Hi Foxy People!
I hope you are having a blessed Sunday! I wanted to give you an essential recipe that I believe everyone should have in their fridge or freezer at all times. Stock! Vegetable Stock to be exact. It’s great for the fall time when you want to make soups, add flavor to rice or flavor to chili.
Take a look at this Vegan and Vegetarian recipe below. As always, feel free to like, share, or comment about this recipe. You can follow me on Instagram @foxyveggies.
© Copyright 2016 Foxy Veggies – All Rights Reserved
Ingredients for Mirepoux (standard medley base of carrots, celery, and onions for all stocks)
- 1 Carrot
- 1 Celery Stalk
- 1 1/2 Yellow Onion
- Cold Water that covers the vegetables
Ingredients for Sachet (cheesecloth spice packet)
- A small bunch of Parsley Stems
- 1 tsp of dried Thyme
- 3 Bay Leaves
- 1 tsp of Black Peppercorns
- Square of Cheesecloth
- Twine to tie the sachet
- Take your onions and dice them and give your celery and carrots a rough chop. Feel free to add the onion peels as well. They add flavor to the stock. Please remove the skin that may appear to be molded.

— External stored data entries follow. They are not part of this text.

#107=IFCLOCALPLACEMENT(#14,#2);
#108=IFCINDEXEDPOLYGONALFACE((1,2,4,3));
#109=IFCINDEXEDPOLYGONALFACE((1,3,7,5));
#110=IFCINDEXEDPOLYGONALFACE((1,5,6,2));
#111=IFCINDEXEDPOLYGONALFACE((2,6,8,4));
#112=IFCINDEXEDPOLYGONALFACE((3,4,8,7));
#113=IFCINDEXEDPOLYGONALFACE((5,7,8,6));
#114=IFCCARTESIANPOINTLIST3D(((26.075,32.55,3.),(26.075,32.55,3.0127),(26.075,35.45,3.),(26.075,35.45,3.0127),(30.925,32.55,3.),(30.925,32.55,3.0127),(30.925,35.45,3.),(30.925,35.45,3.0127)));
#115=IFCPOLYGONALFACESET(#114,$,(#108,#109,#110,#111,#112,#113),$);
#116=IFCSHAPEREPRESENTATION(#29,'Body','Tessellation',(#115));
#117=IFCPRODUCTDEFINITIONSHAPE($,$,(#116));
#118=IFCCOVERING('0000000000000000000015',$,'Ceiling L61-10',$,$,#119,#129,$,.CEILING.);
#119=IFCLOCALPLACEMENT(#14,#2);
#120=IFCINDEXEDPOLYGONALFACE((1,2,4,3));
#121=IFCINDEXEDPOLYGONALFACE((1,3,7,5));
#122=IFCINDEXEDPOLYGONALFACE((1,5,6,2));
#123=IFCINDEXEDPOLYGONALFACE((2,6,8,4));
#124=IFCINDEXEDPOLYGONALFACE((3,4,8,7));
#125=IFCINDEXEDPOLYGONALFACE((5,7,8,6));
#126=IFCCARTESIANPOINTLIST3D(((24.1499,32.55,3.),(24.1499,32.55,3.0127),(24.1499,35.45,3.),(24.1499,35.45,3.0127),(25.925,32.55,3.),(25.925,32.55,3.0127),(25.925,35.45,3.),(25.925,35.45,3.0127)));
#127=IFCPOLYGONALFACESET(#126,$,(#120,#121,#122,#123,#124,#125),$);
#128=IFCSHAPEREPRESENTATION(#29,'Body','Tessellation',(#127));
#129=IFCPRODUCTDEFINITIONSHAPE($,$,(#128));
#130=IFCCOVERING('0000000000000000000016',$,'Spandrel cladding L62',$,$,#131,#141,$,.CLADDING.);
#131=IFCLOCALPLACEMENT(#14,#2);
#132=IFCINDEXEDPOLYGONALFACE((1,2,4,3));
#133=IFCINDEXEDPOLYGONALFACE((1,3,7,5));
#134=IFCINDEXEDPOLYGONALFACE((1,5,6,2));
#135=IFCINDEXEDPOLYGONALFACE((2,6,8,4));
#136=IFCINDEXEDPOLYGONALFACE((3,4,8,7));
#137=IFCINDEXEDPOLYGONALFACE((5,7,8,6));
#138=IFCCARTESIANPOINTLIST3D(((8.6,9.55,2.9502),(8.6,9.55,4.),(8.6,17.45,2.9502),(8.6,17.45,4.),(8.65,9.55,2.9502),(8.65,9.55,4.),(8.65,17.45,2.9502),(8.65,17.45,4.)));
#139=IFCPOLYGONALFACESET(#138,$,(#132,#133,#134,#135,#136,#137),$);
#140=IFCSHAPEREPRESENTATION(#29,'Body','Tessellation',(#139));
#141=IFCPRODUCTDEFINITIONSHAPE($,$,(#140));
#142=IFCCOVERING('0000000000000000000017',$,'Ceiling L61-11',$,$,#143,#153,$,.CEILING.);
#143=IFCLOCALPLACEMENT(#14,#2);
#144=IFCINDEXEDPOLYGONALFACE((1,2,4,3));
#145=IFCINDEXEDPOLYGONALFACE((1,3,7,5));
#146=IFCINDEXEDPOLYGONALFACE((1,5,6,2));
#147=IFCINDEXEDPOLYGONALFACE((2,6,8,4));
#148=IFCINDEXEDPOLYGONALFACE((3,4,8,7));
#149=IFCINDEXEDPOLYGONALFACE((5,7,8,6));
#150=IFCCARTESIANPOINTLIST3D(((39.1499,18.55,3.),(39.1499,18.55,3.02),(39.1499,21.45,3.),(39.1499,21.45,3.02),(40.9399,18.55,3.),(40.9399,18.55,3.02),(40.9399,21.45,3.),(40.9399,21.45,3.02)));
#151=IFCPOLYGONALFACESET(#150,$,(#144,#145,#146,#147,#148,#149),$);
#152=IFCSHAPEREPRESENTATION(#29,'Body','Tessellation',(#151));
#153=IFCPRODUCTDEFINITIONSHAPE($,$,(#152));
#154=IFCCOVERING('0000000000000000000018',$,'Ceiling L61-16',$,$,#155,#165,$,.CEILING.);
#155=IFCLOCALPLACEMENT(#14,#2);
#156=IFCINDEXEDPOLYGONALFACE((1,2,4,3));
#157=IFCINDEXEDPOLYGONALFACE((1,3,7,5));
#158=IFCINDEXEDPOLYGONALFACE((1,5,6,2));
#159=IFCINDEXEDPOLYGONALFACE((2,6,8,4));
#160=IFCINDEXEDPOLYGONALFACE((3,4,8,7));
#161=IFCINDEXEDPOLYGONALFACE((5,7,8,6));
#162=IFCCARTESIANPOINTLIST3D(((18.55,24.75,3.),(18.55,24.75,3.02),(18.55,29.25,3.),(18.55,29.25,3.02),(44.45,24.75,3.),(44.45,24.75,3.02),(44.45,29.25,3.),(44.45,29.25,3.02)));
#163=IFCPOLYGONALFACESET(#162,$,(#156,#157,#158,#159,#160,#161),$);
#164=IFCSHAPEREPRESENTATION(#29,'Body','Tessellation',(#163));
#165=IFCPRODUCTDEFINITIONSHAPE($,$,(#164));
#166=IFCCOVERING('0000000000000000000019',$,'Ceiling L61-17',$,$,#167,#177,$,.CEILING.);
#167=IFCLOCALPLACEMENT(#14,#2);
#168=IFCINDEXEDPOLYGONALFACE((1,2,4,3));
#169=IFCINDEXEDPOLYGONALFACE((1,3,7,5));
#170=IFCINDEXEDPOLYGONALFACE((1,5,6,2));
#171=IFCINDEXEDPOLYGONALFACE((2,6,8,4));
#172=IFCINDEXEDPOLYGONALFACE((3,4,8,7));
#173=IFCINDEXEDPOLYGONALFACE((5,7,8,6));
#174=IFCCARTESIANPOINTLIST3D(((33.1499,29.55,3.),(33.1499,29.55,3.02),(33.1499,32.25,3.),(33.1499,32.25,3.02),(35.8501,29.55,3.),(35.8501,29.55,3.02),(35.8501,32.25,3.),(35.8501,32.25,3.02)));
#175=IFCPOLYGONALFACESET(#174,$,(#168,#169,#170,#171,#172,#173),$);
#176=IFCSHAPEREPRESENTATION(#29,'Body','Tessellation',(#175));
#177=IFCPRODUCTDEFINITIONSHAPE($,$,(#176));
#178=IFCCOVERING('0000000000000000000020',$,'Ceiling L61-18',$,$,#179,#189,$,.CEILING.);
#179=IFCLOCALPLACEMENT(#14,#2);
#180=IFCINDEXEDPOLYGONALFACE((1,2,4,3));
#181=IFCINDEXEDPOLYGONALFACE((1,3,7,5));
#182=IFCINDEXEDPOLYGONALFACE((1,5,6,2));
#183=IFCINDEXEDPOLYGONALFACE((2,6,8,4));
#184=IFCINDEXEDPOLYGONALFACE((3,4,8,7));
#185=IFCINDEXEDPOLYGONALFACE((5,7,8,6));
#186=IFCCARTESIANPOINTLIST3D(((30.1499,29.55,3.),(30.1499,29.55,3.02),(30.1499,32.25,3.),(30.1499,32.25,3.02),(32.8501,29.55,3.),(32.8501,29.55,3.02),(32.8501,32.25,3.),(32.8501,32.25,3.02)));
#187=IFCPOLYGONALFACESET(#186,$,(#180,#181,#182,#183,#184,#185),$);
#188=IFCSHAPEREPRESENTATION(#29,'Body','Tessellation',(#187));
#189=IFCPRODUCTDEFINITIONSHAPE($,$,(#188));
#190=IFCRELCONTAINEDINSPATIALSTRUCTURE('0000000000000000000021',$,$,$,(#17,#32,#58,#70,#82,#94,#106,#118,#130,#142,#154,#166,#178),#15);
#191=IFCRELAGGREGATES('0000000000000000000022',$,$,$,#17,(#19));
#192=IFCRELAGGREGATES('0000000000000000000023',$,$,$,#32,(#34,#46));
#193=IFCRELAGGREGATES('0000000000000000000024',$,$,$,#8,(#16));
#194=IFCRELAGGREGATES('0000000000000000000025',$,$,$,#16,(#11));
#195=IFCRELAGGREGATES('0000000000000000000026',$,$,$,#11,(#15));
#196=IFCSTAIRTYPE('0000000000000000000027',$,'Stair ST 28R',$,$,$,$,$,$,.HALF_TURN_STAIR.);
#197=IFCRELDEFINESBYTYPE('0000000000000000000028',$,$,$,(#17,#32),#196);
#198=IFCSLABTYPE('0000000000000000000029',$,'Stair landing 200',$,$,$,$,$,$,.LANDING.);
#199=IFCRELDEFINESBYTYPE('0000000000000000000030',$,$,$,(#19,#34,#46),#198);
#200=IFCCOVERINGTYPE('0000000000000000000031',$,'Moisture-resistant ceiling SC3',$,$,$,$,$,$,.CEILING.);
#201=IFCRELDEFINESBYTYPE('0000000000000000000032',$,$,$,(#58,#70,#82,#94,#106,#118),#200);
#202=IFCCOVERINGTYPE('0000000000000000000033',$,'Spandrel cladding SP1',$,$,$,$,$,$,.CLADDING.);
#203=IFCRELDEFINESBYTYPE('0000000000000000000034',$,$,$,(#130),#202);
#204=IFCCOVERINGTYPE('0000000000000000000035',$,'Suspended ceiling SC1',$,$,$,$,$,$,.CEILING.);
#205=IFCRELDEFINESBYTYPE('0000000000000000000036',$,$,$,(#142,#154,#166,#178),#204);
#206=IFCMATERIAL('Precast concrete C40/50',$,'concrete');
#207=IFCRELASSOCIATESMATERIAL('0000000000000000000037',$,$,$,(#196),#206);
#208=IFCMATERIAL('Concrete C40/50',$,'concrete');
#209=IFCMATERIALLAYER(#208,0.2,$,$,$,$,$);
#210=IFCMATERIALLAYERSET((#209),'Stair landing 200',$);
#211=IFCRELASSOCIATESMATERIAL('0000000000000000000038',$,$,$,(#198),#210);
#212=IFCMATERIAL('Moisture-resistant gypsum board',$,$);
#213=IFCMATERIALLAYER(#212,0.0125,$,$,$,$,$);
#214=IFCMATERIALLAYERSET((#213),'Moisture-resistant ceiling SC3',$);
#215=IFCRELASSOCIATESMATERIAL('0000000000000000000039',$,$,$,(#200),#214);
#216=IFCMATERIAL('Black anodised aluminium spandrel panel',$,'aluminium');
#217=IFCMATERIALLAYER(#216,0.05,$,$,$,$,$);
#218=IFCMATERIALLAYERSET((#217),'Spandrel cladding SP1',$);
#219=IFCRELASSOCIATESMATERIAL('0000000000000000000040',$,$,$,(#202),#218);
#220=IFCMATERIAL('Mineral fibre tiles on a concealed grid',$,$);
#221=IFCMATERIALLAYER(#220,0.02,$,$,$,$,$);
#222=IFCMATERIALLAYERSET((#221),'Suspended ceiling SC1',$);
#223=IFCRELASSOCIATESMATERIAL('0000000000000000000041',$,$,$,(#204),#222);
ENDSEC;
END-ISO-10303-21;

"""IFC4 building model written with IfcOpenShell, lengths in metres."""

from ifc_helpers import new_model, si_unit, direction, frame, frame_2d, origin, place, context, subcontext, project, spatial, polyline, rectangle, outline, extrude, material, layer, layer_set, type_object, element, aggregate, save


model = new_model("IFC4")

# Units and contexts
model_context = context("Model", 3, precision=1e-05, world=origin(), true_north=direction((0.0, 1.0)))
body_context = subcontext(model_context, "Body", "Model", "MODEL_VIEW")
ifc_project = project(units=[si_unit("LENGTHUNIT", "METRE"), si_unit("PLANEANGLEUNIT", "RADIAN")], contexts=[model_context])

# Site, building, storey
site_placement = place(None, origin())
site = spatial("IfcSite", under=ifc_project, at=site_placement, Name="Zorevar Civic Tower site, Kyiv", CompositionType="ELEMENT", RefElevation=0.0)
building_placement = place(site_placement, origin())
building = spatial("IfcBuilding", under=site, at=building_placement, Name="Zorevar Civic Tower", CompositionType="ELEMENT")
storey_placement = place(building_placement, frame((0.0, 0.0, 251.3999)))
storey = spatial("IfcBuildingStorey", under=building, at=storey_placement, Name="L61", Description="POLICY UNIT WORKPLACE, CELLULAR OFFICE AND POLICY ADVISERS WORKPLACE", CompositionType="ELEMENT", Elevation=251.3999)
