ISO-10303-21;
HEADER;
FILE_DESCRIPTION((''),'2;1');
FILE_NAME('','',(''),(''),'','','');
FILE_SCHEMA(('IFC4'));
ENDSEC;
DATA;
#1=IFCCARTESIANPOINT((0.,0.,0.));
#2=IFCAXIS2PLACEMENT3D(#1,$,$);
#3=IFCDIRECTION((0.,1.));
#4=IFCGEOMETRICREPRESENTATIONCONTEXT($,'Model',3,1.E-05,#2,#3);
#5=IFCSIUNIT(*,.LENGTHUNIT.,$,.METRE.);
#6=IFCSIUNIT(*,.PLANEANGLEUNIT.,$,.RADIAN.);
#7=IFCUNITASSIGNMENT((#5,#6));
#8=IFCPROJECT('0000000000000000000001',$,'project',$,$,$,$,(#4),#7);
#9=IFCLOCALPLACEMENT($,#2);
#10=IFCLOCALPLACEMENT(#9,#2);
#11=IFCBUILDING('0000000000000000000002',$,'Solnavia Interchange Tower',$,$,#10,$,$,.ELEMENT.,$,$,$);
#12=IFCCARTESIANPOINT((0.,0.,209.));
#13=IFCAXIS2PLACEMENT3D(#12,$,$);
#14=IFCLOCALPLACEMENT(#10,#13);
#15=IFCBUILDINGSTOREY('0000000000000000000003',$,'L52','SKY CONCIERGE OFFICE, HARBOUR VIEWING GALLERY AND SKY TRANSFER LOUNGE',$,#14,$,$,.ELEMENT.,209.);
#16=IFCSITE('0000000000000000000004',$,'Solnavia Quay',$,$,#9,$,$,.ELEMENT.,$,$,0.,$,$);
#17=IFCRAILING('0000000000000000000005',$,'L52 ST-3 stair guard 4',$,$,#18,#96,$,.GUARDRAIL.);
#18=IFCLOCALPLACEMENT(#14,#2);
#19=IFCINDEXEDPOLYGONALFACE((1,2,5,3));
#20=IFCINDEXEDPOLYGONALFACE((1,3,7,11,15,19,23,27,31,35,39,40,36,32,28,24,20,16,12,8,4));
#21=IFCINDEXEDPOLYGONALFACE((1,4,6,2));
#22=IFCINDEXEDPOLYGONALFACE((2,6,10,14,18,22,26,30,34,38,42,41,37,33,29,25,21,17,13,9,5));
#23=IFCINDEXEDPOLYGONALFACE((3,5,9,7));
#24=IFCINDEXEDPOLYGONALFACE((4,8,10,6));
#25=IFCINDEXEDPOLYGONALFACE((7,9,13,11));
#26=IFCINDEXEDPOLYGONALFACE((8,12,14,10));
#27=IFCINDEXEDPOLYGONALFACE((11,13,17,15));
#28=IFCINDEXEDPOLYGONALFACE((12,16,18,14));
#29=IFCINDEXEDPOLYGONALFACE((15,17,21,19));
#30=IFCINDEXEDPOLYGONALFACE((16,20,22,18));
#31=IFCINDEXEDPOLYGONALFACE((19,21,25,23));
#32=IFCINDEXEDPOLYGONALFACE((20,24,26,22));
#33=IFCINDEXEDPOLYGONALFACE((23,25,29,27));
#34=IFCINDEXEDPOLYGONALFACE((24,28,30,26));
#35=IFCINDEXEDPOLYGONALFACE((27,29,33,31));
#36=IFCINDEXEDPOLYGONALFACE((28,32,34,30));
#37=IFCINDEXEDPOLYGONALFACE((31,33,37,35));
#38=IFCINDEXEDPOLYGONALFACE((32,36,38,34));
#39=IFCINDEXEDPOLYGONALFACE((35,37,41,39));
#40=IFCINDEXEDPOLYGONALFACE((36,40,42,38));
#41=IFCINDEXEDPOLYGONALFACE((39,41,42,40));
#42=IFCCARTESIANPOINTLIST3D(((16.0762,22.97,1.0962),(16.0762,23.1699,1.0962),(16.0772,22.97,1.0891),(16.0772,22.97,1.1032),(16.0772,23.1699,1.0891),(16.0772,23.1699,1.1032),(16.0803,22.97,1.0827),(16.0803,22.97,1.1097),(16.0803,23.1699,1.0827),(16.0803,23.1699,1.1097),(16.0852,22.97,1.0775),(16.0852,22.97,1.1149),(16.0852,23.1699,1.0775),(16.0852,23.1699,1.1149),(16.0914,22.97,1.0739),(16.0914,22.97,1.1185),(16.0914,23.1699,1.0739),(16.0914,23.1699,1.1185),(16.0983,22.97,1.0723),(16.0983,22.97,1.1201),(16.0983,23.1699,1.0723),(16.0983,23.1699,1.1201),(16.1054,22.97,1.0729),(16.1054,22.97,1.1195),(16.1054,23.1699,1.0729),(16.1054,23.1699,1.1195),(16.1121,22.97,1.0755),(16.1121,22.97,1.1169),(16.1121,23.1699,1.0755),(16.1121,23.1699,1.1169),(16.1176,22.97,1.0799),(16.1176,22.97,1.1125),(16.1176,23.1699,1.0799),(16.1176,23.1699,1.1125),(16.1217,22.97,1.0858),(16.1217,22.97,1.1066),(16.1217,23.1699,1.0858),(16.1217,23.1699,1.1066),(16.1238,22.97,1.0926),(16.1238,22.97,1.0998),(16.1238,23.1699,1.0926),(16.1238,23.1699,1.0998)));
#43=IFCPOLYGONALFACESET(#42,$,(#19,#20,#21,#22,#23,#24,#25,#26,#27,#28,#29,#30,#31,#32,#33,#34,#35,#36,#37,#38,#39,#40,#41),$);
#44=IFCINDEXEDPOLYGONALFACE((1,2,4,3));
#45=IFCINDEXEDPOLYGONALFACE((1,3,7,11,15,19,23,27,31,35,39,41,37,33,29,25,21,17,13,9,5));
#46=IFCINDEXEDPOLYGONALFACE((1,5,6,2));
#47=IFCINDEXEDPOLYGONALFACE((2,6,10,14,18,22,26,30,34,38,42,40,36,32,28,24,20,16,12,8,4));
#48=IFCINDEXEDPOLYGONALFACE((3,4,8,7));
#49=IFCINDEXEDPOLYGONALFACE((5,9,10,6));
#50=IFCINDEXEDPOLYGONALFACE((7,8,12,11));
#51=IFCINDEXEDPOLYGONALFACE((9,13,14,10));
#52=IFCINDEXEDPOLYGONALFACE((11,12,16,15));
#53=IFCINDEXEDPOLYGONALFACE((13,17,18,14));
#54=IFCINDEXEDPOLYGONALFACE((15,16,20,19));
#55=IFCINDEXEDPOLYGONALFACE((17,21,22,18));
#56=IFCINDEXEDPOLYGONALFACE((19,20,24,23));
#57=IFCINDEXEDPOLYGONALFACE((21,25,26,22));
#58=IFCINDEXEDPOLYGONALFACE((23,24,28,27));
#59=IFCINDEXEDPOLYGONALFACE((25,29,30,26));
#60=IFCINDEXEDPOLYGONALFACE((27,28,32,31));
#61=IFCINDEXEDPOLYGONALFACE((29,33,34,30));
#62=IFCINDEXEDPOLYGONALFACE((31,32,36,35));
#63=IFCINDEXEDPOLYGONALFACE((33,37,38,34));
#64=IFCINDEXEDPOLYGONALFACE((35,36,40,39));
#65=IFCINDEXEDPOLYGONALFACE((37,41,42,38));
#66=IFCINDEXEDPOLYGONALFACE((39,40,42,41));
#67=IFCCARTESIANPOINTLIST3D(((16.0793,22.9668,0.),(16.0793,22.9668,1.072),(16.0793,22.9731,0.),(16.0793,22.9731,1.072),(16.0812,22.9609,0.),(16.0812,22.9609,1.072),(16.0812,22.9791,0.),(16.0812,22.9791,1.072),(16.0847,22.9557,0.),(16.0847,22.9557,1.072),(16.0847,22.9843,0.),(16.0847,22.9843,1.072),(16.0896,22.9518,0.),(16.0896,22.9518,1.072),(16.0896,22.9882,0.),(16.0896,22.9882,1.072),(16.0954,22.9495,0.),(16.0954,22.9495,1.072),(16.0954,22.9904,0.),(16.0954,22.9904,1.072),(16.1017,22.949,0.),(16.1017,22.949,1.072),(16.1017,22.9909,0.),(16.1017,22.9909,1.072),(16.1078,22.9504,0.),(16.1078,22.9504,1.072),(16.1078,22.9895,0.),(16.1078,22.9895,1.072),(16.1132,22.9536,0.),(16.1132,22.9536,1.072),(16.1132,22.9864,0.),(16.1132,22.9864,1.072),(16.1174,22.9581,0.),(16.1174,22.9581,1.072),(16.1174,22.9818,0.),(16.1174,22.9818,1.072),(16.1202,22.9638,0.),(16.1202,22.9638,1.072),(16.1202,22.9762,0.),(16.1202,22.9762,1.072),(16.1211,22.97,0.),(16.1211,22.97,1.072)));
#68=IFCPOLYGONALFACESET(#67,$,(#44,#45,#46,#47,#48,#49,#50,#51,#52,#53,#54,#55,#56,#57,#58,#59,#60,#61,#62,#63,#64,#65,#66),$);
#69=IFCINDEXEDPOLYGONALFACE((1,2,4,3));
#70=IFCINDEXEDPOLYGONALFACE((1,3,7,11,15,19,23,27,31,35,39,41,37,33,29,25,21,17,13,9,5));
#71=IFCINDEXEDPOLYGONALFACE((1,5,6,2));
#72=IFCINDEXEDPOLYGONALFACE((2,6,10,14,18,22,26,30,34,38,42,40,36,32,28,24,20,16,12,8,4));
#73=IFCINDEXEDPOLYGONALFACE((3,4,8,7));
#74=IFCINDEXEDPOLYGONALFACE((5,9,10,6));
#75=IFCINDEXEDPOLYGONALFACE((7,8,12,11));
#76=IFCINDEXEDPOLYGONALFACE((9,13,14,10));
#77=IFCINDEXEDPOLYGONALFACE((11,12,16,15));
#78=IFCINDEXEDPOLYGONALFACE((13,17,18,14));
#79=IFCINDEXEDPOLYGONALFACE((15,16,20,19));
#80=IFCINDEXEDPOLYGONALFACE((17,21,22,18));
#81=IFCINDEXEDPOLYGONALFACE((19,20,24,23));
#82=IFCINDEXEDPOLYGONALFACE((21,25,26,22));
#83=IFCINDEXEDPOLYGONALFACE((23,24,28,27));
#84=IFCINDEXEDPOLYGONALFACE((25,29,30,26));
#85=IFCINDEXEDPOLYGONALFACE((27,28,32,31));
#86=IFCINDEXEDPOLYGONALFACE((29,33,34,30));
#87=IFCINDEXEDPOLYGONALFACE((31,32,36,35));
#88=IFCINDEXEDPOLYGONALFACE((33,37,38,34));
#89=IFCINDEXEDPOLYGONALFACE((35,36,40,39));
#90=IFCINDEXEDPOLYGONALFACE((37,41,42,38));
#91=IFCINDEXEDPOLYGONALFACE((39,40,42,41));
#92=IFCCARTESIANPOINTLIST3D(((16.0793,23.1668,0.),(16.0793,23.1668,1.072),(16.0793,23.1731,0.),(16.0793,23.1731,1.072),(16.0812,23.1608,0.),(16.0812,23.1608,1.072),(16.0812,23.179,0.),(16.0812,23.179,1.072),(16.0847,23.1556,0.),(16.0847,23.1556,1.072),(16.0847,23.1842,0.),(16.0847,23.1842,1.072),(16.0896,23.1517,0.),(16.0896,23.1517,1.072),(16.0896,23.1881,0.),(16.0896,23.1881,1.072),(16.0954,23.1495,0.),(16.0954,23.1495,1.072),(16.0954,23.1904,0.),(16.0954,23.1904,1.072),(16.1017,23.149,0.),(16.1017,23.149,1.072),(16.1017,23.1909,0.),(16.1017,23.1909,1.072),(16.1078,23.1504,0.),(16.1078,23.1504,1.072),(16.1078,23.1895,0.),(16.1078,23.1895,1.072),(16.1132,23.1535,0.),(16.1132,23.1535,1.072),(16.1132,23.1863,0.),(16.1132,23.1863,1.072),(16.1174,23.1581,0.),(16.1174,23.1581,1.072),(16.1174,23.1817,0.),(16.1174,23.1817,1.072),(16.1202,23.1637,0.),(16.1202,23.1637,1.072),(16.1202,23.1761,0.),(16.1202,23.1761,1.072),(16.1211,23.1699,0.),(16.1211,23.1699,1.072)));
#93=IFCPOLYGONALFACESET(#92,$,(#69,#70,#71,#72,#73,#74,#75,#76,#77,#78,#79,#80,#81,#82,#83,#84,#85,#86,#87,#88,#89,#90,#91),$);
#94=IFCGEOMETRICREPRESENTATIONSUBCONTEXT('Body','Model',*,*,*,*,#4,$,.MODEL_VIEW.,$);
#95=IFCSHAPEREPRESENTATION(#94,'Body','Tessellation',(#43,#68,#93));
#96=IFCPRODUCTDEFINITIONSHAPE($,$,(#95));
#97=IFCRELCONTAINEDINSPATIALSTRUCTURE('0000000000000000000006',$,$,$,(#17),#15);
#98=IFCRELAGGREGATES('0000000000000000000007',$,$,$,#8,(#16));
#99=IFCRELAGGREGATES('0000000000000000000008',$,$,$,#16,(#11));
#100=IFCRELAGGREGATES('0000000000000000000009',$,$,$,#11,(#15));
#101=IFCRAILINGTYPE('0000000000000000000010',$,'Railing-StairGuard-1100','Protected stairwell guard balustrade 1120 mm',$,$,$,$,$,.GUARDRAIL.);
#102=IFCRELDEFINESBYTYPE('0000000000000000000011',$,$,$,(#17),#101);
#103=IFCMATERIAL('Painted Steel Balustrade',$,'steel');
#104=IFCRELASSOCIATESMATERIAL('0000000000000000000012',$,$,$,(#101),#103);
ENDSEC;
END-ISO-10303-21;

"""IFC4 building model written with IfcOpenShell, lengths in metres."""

from ifc_helpers import new_model, si_unit, direction, frame, origin, origin_2d, place, context, subcontext, project, spatial, circle, extrude, material, type_object, element, save


model = new_model("IFC4")

# Units and contexts
model_context = context("Model", 3, precision=1e-05, world=origin(), true_north=direction((0.0, 1.0)))
body_context = subcontext(model_context, "Body", "Model", "MODEL_VIEW")
ifc_project = project(units=[si_unit("LENGTHUNIT", "METRE"), si_unit("PLANEANGLEUNIT", "RADIAN")], contexts=[model_context])

# Site, building, storey
site_placement = place(None, origin())
site = spatial("IfcSite", under=ifc_project, at=site_placement, Name="Solnavia Quay", CompositionType="ELEMENT", RefElevation=0.0)
building_placement = place(site_placement, origin())
building = spatial("IfcBuilding", under=site, at=building_placement, Name="Solnavia Interchange Tower", CompositionType="ELEMENT")
storey_placement = place(building_placement, frame((0.0, 0.0, 209.0)))
storey = spatial("IfcBuildingStorey", under=building, at=storey_placement, Name="L52", Description="SKY CONCIERGE OFFICE, HARBOUR VIEWING GALLERY AND SKY TRANSFER LOUNGE", CompositionType="ELEMENT", Elevation=209.0)

# Railing
ifc_material_1 = material(Name="Painted Steel Balustrade", Category="steel")
railing_type_1 = type_object("IfcRailingType", Name="Railing-StairGuard-1100", Description="Protected stairwell guard balustrade 1120 mm", PredefinedType="GUARDRAIL", material=ifc_material_1)
railing_1_placement = place(storey_placement, frame((16.1001, 22.97, 0.0)))
element("IfcRailing", 1, at=railing_1_placement, inside=storey, type_object=railing_type_1, Name="L52 ST-3 stair guard 4", PredefinedType="GUARDRAIL", context=body_context, shape_type="SweptSolid", body=[
    extrude(circle(Radius=0.0239, at=origin_2d()), frame((0.0, 0.0, 1.0962), z_axis=(0.0, 1.0, 0.0), x_axis=(-1.0, 0.0, 0.0)), (0.0, 0.0, 1.0), 0.2),
    extrude(circle(Radius=0.021, at=origin_2d()), origin(), (0.0, 0.0, 1.0), 1.072),
    extrude(circle(Radius=0.021, at=origin_2d()), frame((0.0, 0.2, 0.0)), (0.0, 0.0, 1.0), 1.072),
])

save(model, "model.ifc")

- You should have more onions compared to the celery and carrots.
- Take out a big stock pot and add in your vegetables.
- Add the cold water to the pot so that it covers the vegetables.
- Then, take your cheesecloth square and put your Black peppercorns, Parsley stems, Thyme, and Bay leaves to the center of the square. Take all ends of the cheesecloth to make a bundle and twist. Secure it with the Twine leaving enough Twine length to tie to your stock pot handle.
- Drop your Sachet in the pot with the water and veggies and bring to a boil.
- Once at a boil, turn to low and simmer for an hour. Skim the top if foam rises to the top.
- Once done, strain out the veggies and cool the stock in an ice water bath.
- Portion out in quart bags and you have stock you can freeze and grab out when you need it.